In die overzichten dient een uitleg te komen over de berekening zelf en over de controle, op basis van normhuuroverzichten. Wat nu gebeurt – brochures, berekeningsmodellen en allerlei dingen die op internet worden gezet – is simpelweg niet toegankelijk genoeg en is wat ons betreft niet goed genoeg. Er zal sprake moeten zijn van een laagdrempelige informatievoorziening, zodat een ieder die subsidie ontvangt, makkelijk kan begrijpen en inzien wat zijn situatie is, wat er gewijzigd is en waar het aan ligt. Daar is ook vanuit de Kamer naar gevraagd door het unaniem aannemen van de motie van mijn fractiegenoot de heer De Ruiter (28464, nr. 19). De andere fracties hebben daar vóórgestemd, zodat ik aanneem dat al mijn collega's hier aan tafel ook die laagdrempelige informatievoorziening recht in het hart hebben zitten en mijn oproep aan de minister ondersteunen om het duidelijk te maken en ook de integrale berekeningen te geven aan de mensen die deze subsidie aanvragen.

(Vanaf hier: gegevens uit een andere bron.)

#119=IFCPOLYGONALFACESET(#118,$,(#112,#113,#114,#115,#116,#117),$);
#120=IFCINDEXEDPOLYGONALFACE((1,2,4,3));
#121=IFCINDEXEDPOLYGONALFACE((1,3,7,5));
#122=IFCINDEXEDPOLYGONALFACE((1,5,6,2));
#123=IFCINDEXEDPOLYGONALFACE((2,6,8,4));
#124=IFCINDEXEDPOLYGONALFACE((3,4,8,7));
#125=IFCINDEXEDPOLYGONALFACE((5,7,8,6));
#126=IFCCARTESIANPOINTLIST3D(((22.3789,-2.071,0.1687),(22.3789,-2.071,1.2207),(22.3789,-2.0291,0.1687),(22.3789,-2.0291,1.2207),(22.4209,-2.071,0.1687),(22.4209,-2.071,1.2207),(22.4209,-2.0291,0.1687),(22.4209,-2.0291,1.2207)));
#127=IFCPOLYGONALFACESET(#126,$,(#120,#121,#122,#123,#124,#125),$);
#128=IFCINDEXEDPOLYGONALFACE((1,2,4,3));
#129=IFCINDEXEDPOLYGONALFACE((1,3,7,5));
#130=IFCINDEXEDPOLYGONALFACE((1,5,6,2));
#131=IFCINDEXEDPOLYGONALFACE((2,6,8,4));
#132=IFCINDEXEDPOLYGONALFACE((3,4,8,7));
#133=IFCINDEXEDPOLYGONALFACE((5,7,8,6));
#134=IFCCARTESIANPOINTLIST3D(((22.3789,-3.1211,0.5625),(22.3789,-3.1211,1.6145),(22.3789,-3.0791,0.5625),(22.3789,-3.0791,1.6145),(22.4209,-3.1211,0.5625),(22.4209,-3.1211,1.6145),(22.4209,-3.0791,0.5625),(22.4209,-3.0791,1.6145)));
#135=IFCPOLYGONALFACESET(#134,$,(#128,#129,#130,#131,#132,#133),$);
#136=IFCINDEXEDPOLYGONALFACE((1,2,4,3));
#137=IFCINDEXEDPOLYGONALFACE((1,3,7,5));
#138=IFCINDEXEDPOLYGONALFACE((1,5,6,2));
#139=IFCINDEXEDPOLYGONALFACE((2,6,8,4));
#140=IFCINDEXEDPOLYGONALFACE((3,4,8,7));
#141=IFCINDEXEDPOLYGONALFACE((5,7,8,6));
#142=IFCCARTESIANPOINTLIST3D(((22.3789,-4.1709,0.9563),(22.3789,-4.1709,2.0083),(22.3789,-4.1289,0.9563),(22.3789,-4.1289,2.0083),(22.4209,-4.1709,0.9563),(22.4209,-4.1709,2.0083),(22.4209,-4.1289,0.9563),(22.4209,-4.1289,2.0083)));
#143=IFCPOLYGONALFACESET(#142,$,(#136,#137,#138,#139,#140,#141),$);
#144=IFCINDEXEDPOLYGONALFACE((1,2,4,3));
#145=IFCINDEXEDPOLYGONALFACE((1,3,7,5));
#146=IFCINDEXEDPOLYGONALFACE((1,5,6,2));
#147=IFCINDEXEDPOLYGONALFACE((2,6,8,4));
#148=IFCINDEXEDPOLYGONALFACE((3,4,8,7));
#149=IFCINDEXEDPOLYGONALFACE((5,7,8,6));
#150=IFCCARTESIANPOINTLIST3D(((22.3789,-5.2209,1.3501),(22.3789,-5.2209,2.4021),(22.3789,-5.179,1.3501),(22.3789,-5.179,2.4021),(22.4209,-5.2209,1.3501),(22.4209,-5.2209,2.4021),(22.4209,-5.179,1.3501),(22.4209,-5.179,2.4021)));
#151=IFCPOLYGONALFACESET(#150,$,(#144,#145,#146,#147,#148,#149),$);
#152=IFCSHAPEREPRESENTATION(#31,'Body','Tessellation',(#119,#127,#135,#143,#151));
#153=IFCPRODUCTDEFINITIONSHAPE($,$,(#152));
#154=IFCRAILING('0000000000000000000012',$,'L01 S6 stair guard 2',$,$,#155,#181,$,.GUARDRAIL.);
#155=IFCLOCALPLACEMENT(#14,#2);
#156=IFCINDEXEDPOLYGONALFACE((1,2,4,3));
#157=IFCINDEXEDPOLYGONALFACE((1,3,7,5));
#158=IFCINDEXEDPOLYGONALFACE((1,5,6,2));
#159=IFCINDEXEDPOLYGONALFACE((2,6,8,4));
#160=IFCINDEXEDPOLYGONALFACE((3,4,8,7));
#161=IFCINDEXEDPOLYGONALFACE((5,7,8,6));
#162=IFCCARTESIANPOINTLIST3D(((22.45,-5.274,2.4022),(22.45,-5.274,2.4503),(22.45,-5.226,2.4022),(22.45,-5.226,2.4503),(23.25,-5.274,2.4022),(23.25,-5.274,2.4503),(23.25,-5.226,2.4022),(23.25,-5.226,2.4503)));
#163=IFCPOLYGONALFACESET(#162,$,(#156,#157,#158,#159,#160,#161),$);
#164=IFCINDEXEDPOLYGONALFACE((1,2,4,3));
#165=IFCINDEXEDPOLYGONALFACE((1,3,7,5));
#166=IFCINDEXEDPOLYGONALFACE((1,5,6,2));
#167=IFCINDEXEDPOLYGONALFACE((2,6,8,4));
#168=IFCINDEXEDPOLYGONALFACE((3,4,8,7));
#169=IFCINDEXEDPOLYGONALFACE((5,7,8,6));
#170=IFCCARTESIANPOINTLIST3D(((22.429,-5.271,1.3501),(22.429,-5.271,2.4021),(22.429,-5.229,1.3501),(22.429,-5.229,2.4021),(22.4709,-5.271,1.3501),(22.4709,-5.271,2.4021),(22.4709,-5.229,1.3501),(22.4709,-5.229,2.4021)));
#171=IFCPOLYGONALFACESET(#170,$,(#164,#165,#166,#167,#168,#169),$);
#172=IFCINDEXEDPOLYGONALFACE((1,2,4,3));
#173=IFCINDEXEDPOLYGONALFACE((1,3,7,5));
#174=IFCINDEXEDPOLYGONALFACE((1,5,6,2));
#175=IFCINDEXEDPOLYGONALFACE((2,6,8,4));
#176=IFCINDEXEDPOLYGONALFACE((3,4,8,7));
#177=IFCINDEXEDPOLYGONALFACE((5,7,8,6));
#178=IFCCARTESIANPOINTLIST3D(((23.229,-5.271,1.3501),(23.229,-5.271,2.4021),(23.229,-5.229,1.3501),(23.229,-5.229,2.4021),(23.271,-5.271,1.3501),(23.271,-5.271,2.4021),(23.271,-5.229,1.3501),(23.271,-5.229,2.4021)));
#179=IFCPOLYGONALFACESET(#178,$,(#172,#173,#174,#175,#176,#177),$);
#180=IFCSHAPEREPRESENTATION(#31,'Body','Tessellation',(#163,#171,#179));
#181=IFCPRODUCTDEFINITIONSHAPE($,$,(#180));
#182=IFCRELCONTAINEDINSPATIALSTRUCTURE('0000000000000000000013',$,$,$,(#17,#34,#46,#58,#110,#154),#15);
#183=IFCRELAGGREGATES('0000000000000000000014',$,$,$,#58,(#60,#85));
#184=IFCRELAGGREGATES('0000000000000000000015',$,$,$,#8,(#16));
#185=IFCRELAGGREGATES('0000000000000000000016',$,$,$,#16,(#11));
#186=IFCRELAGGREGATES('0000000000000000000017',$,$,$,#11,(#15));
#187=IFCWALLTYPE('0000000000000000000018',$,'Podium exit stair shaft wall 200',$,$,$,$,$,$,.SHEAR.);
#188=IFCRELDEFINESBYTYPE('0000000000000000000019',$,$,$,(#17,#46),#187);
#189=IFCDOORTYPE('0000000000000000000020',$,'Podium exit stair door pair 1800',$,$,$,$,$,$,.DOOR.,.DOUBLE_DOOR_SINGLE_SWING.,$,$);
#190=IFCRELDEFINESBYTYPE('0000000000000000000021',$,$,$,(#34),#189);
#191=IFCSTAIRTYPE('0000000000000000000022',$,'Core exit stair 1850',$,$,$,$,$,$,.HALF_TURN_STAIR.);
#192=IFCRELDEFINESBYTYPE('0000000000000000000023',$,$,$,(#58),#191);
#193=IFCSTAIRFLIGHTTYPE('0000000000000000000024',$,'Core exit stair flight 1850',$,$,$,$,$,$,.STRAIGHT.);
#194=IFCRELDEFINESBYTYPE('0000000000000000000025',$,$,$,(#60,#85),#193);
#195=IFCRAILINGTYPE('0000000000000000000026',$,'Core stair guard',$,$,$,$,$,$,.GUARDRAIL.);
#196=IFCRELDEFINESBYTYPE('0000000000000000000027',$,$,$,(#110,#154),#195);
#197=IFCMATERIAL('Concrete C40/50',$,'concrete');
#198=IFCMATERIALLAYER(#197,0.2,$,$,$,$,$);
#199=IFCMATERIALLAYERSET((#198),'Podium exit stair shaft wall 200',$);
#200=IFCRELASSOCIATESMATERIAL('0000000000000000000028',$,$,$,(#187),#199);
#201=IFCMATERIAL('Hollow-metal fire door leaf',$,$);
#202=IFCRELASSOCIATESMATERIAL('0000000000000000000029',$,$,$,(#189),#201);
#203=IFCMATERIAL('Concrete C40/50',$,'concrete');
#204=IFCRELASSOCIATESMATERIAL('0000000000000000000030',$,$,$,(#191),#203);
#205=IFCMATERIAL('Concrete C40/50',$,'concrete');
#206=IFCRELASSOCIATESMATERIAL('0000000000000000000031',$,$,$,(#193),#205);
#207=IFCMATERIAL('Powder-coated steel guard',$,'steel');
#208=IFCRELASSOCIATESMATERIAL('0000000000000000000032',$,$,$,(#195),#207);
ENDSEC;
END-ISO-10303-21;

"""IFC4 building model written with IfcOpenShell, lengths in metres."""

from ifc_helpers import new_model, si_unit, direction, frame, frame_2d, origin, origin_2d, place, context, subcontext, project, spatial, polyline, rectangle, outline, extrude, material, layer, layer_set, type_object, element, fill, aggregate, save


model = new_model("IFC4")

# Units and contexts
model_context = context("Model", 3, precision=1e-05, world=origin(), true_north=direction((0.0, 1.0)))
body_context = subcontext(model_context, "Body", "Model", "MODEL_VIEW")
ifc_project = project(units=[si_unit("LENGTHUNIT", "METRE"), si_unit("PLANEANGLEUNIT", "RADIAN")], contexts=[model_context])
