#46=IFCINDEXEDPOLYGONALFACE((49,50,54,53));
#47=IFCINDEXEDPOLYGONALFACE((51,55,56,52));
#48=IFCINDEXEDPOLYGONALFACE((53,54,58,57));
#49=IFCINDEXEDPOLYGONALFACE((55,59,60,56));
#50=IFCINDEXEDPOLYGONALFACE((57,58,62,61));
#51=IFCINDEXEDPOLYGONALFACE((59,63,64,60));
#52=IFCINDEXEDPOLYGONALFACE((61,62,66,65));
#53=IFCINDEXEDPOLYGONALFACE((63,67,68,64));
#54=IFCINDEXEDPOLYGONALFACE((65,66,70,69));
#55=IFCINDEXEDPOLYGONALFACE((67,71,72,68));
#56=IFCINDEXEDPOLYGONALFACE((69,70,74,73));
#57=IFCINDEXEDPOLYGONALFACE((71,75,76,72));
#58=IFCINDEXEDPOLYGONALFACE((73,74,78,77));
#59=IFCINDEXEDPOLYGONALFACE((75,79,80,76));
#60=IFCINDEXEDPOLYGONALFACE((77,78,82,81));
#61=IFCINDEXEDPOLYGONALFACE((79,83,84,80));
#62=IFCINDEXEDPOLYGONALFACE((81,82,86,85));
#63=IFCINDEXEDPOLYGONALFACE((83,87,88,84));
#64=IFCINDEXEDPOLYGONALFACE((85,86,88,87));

Een ander punt betreft de contactpersonen. In het schriftelijk verslag wijst de minister het idee af om contactpersonen aan te stellen, omdat daarmee de eigen verantwoordelijkheid van de subsidieaanvrager in het geding zou komen. Desalniettemin dringen wij erop aan om wel degelijk de functie van contactpersoon in te stellen, niet omdat wij daarmee de subsidieaanvrager willen ontheffen van eigen verantwoordelijkheid maar juist omdat wij vinden dat de overheid een zorgplicht heeft. Juist de mensen die moeite ondervinden in de omgang met al die officiële correspondentie – de minister weet waar ik het over heb – hebben behoefte aan een stukje begeleiding en dat kan simpelweg door een contactpersoon in te stellen die facultatief benaderd wordt, zonder verder enige verplichting. Wij hebben het dan over de kwetsbare groepen in de samenleving die een stukje bescherming verdienen vanuit de overheid. Ik doel op groepen als ex-psychiatrische patiënten en mensen die onoverkomelijk en hopeloos in de schulden zitten en hulp krijgen bij schuldsanering. Voor iedereen die het nieuws volgt, mag duidelijk zijn dat juist die groepen de laatste tijd aan het groeien zijn. Uiteindelijk is het de landelijke overheid geweest die, via de centralisatie van het uitbetalen van de huursubsidie, direct betrokken derden, zoals woningcorporaties, buiten spel heeft gezet. Sommige mensen kunnen helemaal niets met de papierwinkel van ministeries en andere officiële instanties. De minister heeft ons meegedeeld dat 11.000 aanvragers niet reageren op aanmaningen en herhaalde oproepen om informatie te geven c.q. te controleren. Heeft de minister enig inzicht in welke categorie deze 11.000 mensen te plaatsen zijn? Is daarin een lijn aan te geven? Heeft het leeuwendeel van deze mensen geen behoefte aan begeleiding door een contactpersoon?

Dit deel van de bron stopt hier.